Long non-coding RNAs are such potential biomarkers, as their expression is dysregulated in association with many human diseases not only as a secondary effect but also as a causative event (Chi et al. 2019). As potent regulators of gene expression on all levels from chromatin organization all the way to the protein folding and beyond, lncRNAs have a vital impact on cell functioning (Quinn and Chang 2016; Chi et al. 2019).

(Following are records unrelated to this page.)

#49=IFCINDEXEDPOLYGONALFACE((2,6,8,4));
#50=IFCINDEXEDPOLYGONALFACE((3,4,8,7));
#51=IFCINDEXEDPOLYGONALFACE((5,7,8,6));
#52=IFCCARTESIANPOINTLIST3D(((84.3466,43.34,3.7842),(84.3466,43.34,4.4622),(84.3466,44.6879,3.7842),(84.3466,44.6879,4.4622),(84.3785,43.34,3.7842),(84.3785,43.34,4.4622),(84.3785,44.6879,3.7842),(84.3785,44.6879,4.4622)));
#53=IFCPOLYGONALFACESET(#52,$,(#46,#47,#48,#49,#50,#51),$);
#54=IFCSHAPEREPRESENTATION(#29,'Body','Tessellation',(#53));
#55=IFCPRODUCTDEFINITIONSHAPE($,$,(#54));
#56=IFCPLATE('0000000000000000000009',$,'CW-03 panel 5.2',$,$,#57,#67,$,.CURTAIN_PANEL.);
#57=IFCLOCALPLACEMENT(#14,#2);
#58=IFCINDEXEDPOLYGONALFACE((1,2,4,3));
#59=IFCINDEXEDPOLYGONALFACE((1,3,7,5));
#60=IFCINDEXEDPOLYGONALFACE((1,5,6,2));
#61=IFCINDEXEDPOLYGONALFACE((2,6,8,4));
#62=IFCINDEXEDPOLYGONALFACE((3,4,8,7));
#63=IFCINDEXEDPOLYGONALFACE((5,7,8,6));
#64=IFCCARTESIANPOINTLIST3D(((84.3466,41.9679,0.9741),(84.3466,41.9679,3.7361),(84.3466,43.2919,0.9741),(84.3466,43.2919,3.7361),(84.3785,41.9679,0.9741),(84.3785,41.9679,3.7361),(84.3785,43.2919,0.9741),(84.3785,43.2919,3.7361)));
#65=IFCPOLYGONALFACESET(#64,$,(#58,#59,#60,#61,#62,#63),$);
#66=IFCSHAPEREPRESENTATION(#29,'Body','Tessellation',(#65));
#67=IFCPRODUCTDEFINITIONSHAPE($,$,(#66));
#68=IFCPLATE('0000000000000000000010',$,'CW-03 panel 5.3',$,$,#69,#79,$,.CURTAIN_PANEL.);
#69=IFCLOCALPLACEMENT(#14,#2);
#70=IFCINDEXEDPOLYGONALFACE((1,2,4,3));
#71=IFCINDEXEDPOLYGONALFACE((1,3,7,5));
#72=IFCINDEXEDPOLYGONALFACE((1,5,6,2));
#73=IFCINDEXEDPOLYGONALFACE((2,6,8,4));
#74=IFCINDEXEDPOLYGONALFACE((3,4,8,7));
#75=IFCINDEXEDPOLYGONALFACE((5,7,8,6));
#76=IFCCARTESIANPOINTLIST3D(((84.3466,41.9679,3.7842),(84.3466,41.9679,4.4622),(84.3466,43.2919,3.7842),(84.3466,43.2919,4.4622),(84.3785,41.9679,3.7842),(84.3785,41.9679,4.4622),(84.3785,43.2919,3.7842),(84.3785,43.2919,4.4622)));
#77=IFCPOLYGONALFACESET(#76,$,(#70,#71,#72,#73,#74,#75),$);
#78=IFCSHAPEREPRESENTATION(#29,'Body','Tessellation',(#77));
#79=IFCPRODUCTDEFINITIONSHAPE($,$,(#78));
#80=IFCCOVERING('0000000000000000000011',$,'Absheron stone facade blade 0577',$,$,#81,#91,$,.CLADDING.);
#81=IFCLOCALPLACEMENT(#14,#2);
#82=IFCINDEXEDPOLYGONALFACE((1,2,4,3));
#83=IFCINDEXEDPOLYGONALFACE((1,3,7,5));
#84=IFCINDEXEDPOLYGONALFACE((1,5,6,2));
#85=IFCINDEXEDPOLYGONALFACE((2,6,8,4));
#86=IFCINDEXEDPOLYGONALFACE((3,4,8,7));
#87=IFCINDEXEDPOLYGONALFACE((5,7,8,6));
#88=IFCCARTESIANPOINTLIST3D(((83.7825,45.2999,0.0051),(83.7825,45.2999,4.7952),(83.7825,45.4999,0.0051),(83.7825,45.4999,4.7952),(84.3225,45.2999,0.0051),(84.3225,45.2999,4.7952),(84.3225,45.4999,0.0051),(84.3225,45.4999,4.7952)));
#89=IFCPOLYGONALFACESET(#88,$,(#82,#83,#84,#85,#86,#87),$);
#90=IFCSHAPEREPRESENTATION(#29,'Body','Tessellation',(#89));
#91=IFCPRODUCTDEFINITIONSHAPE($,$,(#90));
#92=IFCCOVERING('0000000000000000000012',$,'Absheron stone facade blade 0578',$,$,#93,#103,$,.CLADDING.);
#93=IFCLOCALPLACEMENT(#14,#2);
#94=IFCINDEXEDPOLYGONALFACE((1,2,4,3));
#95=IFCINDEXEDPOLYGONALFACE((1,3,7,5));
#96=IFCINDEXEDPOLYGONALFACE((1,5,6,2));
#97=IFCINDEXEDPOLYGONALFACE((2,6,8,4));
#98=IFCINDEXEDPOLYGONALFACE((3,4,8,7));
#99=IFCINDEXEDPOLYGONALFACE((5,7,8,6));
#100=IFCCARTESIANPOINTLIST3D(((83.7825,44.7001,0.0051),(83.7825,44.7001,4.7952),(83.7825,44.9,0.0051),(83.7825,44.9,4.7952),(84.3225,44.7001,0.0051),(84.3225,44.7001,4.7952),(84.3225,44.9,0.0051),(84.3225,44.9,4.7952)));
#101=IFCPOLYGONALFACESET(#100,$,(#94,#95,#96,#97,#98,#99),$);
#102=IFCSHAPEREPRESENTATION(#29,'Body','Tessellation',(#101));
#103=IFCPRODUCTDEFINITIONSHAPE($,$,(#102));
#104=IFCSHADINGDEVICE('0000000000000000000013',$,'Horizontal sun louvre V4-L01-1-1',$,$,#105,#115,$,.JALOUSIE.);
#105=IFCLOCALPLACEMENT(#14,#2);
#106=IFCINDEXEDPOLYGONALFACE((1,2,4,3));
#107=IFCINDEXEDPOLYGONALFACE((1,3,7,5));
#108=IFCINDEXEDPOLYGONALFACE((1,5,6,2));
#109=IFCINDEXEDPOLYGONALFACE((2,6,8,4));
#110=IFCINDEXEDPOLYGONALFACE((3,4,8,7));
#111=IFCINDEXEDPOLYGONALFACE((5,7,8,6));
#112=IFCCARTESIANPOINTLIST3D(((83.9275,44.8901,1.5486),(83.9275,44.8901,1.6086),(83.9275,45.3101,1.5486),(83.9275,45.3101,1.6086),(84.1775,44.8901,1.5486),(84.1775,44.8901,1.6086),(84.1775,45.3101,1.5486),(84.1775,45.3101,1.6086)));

Dysregulation of lncRNA levels affects other cellular components and contributes to development of pathologic conditions but can also serve as a unique snapshot of current situation in any given cell (Chandra Gupta and Nandan Tripathi 2017; Bohosova et al. 2021). In the recent decade, there was a plethora of publications focused on dysregulation of lncRNA in many human diseases, although, predominantly in cancer, including renal cell carcinoma (Chandra Gupta and Nandan Tripathi 2017; Bhan et al. 2017).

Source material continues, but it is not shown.